I think it's gonna be on Shanghai Sports cause right now they're having a pre-game show and they're talking about Europe and Adelman.

EDIT - But they always talk about the Rockets. Every sentence has Rockets/Yao Ming in it.


----------



## gi0rdun (May 31, 2007)

Sweet it's on Shanghai Sports.

Aw no Spanoulis 

Mac's not playing, we got

Rafer
Mike James
Battier
Scola
Yao


----------



## gi0rdun (May 31, 2007)

Damn Scola's good. So is Mike James. He looks badass in that headband.


----------



## gi0rdun (May 31, 2007)

Alston hit a 3. Mike James is shooting too much.

...


----------



## Cornholio (Feb 13, 2005)

As PO said, T-Mac needs to play to get accustomed to the new system. He himself said he has to get in rhythm.


----------



## gi0rdun (May 31, 2007)

Haha Battier called for a charge.

FRANCIS IS BACK ON.

Too bad he got fouled on the break.


----------



## gi0rdun (May 31, 2007)

Those new shooting shirts look pretty good.


----------



## gi0rdun (May 31, 2007)

Lol Jackie Butler looks like a frikkin ape. Back to back 3s.


----------



## gi0rdun (May 31, 2007)

Aaron Brooks checking on.


----------



## gi0rdun (May 31, 2007)

Aaron Brooks is damn fast.


----------



## gi0rdun (May 31, 2007)

Oh my god Rafer hit 3 3s.


----------



## Krimzon (Feb 26, 2007)

59-37 Rockets. Not bad. We should be able to win this without to much trouble.


----------



## AZNoob (Jan 21, 2006)

59-37 is when Adelman needs to put in some second and third string players, to get them accustomed to Adelman's system and to see who works well with who. 

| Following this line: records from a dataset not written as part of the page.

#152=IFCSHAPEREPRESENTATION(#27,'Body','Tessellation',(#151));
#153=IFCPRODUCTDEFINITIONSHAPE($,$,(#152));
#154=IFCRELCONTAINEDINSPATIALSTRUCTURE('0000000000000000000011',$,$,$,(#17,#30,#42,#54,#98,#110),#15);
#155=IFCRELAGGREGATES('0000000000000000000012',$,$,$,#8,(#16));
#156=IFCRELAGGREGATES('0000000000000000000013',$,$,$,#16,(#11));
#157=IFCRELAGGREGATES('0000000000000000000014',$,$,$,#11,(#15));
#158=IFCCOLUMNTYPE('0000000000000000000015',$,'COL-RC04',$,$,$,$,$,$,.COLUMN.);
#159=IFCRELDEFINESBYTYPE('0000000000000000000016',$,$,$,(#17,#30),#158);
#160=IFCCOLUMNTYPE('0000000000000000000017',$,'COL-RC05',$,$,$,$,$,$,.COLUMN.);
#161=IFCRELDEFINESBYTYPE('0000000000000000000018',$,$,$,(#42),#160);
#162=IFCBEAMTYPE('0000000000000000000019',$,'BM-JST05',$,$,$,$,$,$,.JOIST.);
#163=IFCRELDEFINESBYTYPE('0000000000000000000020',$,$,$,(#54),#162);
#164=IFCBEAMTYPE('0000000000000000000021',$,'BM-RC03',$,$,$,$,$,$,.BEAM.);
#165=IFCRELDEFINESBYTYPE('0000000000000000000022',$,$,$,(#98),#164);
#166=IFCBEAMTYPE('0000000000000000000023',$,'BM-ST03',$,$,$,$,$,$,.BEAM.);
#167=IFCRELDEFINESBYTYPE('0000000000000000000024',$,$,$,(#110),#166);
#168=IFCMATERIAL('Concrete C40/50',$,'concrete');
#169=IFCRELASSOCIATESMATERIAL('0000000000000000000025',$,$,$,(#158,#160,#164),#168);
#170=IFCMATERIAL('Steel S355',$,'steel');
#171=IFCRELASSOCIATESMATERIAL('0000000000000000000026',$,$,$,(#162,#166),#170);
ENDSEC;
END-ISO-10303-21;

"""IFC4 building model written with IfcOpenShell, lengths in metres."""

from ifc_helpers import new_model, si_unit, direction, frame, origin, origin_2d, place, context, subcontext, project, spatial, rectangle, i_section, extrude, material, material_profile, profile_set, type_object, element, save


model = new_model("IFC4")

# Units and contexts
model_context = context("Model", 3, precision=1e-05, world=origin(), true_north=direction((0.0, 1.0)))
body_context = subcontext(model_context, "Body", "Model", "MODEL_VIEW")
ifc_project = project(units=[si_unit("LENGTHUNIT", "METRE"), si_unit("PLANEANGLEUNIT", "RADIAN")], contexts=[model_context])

BTW, I came in during the second quarter, with about 4 min left. How come Mac isn't playing?


----------



## yaontmac (Jul 5, 2006)

AZNoob said:


> 59-37 is when Adelman needs to put in some second and third string players, to get them accustomed to Adelman's system and to see who works well with who.
> 
> BTW, I came in during the second quarter, with about 4 min left. How come Mac isn't playing?

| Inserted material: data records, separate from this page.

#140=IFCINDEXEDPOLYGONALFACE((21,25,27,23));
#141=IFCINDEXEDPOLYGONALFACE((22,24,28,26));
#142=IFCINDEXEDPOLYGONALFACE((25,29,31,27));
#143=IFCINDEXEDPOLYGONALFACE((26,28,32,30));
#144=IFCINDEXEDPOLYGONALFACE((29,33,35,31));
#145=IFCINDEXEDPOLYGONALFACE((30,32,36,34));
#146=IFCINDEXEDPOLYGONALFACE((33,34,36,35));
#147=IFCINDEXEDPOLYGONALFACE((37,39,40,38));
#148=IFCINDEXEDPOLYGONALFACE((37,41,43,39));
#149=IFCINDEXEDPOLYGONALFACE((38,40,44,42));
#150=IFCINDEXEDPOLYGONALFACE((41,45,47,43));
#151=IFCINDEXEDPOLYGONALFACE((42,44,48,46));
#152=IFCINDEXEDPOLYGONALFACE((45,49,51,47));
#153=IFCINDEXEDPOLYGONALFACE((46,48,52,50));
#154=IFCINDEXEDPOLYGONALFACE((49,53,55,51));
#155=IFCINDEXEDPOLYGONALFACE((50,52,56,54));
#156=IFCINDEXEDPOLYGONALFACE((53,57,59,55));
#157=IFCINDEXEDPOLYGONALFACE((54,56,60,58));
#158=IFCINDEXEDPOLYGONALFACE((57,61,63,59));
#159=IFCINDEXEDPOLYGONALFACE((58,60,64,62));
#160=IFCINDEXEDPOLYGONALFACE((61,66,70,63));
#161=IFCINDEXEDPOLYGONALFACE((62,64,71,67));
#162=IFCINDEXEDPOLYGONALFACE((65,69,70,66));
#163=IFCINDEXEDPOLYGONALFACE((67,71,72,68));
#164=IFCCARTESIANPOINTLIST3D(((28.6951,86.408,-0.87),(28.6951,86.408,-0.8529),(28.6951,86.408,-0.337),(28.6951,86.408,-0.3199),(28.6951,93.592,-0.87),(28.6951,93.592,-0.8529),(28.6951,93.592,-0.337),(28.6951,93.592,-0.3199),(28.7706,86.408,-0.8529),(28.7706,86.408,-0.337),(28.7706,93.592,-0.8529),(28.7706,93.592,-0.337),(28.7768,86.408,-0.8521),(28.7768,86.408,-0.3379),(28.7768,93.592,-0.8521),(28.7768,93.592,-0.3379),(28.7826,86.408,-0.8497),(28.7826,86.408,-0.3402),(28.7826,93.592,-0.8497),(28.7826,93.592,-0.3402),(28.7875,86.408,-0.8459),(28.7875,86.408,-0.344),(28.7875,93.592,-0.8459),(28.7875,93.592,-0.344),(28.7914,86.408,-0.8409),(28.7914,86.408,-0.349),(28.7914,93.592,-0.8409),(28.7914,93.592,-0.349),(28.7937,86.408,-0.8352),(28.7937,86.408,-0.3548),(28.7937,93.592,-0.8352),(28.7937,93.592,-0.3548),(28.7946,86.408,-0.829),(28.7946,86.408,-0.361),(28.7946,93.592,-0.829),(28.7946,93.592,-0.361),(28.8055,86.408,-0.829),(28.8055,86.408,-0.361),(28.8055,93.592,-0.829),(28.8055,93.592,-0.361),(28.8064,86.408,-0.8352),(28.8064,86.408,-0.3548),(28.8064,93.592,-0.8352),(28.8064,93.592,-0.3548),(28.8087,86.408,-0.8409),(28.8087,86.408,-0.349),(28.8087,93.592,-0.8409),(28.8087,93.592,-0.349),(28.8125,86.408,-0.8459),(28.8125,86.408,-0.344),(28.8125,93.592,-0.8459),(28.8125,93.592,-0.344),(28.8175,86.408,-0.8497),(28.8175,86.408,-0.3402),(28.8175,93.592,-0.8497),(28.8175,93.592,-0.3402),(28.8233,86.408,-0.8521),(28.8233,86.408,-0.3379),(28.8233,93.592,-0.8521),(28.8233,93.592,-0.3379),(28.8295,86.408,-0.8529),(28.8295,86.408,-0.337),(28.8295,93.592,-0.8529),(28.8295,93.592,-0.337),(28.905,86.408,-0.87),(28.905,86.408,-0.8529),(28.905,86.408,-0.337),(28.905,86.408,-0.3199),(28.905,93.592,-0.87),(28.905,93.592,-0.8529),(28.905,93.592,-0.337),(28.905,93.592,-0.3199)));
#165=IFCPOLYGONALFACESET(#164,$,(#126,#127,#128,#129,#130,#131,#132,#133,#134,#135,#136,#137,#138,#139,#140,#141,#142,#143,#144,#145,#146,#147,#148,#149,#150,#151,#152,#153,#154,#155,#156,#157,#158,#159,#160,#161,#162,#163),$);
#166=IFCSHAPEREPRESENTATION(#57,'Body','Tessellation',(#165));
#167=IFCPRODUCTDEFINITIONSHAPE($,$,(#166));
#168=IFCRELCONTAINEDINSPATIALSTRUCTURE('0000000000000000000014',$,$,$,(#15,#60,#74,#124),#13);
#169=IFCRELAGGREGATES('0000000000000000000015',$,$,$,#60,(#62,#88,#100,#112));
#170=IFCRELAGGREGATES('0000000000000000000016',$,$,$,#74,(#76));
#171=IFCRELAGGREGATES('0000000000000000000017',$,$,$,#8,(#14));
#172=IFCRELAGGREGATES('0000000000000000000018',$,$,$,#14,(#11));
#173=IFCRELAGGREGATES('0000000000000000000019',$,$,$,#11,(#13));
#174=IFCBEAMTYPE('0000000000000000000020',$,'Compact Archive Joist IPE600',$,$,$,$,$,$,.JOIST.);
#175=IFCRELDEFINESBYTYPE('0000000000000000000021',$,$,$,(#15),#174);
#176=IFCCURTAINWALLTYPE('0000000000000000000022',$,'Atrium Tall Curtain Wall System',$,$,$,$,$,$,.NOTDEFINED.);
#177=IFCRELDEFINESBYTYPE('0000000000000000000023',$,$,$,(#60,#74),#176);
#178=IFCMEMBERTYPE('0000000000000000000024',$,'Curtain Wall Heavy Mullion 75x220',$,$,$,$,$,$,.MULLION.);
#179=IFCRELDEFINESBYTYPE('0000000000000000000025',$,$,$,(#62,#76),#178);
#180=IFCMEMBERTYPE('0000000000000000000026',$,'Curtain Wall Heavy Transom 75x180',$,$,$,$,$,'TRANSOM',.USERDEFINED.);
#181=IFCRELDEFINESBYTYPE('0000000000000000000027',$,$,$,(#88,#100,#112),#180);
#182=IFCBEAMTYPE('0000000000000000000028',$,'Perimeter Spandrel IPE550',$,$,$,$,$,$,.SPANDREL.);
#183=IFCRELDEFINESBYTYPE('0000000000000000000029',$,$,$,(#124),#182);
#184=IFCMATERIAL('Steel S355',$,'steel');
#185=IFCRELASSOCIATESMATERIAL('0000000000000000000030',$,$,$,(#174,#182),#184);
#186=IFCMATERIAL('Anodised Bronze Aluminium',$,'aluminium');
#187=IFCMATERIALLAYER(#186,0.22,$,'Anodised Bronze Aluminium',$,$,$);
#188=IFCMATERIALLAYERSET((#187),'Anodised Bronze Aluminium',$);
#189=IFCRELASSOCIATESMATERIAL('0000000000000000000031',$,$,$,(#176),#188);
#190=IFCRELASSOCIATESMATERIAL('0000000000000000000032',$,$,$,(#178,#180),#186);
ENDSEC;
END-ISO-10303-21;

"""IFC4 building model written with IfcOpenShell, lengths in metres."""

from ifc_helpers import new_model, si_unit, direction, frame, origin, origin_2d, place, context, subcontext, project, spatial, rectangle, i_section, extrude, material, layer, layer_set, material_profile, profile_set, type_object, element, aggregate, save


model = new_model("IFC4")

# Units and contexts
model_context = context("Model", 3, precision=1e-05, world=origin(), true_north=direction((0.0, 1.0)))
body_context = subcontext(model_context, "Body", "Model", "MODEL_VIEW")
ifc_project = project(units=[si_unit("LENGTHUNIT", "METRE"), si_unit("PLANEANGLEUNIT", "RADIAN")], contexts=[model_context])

He has some slight thigh pain. No big deal.


----------



## Cornholio (Feb 13, 2005)

OT: Just noticed Eliyahu played against the Knicks with his euro team. His stat line: 10 pts, 4/6 FGs, 6 rbs, 4 ast, 1 stl off the bench.


----------



## AZNoob (Jan 21, 2006)

Wow...

I can see why VSpan would thrive in Pana...

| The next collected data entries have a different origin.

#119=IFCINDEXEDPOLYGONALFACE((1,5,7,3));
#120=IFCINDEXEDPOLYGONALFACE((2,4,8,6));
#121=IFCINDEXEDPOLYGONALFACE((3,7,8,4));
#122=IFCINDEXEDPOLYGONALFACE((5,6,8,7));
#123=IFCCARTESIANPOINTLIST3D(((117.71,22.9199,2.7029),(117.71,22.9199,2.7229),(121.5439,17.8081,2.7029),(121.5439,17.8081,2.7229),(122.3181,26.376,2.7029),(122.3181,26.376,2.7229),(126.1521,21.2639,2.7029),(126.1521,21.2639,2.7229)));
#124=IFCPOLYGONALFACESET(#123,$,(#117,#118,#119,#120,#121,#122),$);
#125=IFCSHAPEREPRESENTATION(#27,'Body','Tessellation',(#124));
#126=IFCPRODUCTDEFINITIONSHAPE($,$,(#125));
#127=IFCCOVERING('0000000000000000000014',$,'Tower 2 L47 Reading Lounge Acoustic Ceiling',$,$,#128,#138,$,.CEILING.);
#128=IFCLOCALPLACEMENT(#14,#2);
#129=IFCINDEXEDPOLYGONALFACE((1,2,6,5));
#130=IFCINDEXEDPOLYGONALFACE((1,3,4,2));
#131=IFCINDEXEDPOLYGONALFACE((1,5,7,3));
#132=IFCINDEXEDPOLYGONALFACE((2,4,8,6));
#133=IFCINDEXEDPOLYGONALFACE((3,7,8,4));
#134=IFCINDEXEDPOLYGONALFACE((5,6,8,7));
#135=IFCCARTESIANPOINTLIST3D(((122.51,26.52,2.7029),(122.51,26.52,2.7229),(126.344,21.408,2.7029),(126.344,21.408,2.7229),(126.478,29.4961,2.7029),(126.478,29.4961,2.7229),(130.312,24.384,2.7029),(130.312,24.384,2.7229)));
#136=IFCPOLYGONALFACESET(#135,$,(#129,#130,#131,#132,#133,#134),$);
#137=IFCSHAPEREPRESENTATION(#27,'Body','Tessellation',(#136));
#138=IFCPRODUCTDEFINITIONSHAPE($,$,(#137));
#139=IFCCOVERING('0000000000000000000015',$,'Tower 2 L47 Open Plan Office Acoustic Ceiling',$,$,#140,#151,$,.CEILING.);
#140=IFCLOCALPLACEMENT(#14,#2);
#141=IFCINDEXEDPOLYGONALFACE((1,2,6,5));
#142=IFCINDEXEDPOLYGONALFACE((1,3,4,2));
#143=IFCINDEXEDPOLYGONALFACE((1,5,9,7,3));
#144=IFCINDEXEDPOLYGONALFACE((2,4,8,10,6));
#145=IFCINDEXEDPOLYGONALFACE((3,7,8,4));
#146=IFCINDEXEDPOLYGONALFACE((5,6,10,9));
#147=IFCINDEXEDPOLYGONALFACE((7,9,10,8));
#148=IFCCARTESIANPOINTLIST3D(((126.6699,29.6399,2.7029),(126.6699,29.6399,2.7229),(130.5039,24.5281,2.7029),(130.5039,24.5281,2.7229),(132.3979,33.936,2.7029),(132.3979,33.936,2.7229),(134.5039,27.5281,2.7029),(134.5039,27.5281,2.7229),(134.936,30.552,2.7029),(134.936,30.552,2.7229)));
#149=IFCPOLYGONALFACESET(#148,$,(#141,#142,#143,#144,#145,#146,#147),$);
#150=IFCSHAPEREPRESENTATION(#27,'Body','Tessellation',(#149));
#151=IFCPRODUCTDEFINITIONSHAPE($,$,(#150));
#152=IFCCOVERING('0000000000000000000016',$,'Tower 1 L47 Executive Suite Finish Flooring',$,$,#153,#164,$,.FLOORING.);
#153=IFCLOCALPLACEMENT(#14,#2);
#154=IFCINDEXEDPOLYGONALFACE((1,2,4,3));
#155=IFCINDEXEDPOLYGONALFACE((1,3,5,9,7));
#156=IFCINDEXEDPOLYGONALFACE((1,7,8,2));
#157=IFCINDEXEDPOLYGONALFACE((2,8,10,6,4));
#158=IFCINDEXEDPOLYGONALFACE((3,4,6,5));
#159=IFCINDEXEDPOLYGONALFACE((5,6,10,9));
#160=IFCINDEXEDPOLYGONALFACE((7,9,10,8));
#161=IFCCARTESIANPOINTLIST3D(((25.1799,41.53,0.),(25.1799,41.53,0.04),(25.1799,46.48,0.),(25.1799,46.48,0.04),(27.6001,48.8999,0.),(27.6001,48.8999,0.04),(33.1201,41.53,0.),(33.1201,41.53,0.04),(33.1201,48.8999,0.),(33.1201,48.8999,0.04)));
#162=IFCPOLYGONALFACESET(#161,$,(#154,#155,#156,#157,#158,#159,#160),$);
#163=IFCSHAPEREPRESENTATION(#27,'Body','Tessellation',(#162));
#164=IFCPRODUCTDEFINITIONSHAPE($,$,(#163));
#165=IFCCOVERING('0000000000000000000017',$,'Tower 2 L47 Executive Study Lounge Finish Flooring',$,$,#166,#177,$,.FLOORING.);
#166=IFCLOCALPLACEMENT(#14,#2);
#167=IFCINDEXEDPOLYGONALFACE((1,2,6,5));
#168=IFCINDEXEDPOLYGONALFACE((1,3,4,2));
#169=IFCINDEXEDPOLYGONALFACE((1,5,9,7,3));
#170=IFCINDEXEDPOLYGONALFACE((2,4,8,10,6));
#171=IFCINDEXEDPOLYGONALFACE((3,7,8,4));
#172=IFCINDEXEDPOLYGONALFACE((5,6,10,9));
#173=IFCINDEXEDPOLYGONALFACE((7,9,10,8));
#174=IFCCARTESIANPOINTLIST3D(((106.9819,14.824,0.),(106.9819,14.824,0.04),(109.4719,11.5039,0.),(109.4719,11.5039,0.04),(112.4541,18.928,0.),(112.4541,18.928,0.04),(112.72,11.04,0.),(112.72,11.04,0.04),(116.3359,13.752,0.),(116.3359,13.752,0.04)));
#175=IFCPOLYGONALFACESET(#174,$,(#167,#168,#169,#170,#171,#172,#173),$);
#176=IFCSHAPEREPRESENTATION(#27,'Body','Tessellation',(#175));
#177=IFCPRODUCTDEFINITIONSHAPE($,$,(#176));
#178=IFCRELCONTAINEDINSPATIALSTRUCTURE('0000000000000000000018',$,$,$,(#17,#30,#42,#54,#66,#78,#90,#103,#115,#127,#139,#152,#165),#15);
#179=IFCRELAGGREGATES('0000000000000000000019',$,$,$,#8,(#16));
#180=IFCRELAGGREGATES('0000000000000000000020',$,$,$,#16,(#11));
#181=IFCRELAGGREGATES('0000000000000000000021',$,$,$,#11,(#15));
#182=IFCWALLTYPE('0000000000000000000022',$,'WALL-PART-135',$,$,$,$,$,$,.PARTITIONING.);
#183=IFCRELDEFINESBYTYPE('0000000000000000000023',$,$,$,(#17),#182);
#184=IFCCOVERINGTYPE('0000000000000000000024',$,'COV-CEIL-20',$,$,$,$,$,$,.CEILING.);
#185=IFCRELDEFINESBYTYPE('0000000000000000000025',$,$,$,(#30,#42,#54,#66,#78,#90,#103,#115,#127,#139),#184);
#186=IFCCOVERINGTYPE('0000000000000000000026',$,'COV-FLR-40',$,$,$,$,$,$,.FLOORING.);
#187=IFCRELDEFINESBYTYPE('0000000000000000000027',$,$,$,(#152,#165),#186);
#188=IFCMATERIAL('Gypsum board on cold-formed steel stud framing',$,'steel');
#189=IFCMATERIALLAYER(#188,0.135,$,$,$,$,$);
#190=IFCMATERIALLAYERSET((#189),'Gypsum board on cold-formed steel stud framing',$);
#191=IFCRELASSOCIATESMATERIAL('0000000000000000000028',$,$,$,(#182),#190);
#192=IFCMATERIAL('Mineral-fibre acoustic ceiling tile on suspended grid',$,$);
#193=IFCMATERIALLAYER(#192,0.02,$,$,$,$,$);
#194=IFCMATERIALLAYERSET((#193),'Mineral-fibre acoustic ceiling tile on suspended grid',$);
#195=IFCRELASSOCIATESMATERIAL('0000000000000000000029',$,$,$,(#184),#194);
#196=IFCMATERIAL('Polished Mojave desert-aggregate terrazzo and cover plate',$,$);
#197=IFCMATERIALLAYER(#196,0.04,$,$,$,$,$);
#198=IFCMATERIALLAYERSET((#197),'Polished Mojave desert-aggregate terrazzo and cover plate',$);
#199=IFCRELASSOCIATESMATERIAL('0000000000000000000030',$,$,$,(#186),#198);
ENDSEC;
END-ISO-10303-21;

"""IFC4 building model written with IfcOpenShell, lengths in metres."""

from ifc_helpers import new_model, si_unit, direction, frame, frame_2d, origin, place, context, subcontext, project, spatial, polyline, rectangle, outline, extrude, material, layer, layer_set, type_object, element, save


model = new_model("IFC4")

They LOVE to chuck threes!


----------



## bronx43 (Dec 9, 2005)

Actually, if Rafer can hit 40% of his threes, he is actually the best pg on the team.


----------



## AZNoob (Jan 21, 2006)

You mean statistically?


----------



## Yao Mania (Aug 4, 2003)

Cornholio said:


> OT: Just noticed Eliyahu played against the Knicks with his euro team. His stat line: 10 pts, 4/6 FGs, 6 rbs, 4 ast, 1 stl off the bench.


Who would've thought our team would be known for producing good young players!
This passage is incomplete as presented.